Online retirement resources

Resources will challenge you to think about aging well at the individual and societal level. I also have an interesting take on the challenging marketplace for homeowner insurance.

I’ll share a few interesting early retirement case studies. Finally, I close out with some interesting offers from blog partners. Read to the end to learn about big changes to expect with the blog in the upcoming year.

The Benefits of Tax-Deferred Accounts

Roth IRA and more recently Roth 401(k) accounts have become popular. Jonathan Clements shares four benefits of tax-deferred accounts that are often overlooked, writing Called to Account.

There are also good arguments for using Roth accounts. I explain them here.

The most common argument I hear in favor of Roth accounts is also the weakest: an assured declaration that your taxes will be higher in the future. In a Valentine’s Day post, Sean Mullaney laid out a powerful counterargument to this assertion based on recent history. Mullaney “hopes your valentine loves you as much as Congress loves retirees.”

Roth Conversions

Converting tax-deferred accounts to Roth is an option in lower income years. Olivia Lima writes Timing a Roth Conversion to Supercharge Your Retirement.

For those of you waiting until the end of the year to do Roth conversions, Laura Saunders shares how it is possible to overpay your taxes and simultaneously have an underpayment penalty and what you can do about it.

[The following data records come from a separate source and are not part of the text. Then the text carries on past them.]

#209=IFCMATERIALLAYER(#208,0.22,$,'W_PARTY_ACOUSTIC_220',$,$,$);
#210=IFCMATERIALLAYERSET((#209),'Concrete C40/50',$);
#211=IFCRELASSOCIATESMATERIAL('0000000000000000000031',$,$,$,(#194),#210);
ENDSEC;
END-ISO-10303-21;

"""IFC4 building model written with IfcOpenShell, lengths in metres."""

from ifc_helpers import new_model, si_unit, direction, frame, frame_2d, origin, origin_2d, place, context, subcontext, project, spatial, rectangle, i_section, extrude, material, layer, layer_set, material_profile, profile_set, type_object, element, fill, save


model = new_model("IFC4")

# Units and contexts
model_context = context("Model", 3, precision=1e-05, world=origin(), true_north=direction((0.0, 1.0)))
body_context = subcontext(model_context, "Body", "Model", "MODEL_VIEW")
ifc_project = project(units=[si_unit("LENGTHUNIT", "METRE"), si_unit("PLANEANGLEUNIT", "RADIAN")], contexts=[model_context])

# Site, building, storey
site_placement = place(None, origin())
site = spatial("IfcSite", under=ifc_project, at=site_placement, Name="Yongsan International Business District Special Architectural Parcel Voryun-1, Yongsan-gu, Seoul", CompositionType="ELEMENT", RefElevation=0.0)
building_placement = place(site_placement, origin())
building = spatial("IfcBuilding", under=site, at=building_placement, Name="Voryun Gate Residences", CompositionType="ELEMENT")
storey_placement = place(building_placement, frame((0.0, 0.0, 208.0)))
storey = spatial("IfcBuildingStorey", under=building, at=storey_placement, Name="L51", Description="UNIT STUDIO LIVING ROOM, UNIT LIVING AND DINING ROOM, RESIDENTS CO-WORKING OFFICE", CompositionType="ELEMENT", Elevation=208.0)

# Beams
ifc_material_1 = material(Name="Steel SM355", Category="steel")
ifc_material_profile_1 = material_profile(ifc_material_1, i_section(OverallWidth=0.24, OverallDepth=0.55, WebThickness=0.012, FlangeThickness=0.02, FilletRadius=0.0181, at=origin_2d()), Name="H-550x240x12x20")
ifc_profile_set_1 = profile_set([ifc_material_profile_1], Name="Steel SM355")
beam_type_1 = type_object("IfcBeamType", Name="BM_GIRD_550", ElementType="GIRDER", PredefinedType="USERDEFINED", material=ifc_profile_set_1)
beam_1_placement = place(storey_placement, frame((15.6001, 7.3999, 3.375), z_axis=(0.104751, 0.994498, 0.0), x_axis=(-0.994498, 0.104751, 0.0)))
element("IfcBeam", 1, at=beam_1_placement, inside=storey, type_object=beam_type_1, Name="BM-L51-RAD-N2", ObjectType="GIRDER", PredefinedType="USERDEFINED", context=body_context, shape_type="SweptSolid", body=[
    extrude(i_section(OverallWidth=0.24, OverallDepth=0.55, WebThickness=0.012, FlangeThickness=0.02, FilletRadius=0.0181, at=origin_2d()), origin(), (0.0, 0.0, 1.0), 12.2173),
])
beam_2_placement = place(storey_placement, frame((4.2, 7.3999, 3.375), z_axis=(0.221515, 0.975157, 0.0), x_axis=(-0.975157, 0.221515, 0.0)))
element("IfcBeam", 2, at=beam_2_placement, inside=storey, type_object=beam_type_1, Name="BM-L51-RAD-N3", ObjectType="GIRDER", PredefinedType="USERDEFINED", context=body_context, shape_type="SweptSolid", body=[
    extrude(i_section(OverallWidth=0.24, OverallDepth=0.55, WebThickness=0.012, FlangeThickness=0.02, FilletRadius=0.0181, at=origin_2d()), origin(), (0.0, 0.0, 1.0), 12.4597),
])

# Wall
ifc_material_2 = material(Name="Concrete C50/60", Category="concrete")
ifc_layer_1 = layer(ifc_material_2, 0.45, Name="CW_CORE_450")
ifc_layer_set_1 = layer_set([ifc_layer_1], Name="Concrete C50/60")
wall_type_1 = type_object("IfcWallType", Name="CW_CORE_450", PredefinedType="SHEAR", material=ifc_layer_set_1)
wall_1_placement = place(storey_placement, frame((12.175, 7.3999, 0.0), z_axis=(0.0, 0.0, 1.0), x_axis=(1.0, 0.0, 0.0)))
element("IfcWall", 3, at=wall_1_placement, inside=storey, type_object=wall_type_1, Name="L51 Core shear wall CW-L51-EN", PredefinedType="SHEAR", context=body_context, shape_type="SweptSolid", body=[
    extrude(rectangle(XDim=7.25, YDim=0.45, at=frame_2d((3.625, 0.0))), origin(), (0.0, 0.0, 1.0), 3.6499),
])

She writes Your Questions on Paying Estimated Taxes, Answered. (This one is from the WSJ so it may be behind a paywall for some of you. Sorry!)

Allan Roth dives into the details of The Law and Strategies to Convert a College 529 to a Roth.

Thinking About Aging Well – Individuals

These “Best of” posts are popular because I curate and share often quick hitting articles, blog posts, or deals that pack a lot of information that can be consumed quickly in the course of a busy life.

The next two resources are a long-form podcast conversation and a book. I encourage every member of this audience to consider making the time for them. 

Peter Attia interviewed Walter Green about The impact of gratitude, serving others, embracing mortality, and living intentionally. I hope this interview challenge you to think differently and create your own conversations about living a good life and aging well. It certainly has for me and the family and friends with whom I’ve shared it.

Thinking About Aging Well – Societally

Atul Gawande wrote the book Being Mortal: Medicine and What Matters in the End. This resource addresses how we think about aging and death at a societal level. 

My hope is that Gawande’s different perspectives as historian and practicing physician mixed with his personal experiences helping his father through physical decline and end of life will lead to a greater understanding of the challenges of aging and navigating our medical system that all of us will face. 

This isn’t a pleasant topic to think and talk about. Unfortunately, the results of not thinking and talking about it are even more unpleasant.

The Challenges of Insuring Homes

Blair duQuesnay asks Should You Self Insure Your Home? The premise of this question would seem absurd just a few years ago. But as premiums climb rapidly, especially in fire and storm prone locations, this is a question many of us may be asking in future months and years.

Retirement Case Studies 

When I share case studies on the blog, they are always popular with readers. So I think you’ll find these next two posts by retirees interesting.

Robert at the blog Stop Ironing Shirts ponders Tax Decisions in Early Retirement.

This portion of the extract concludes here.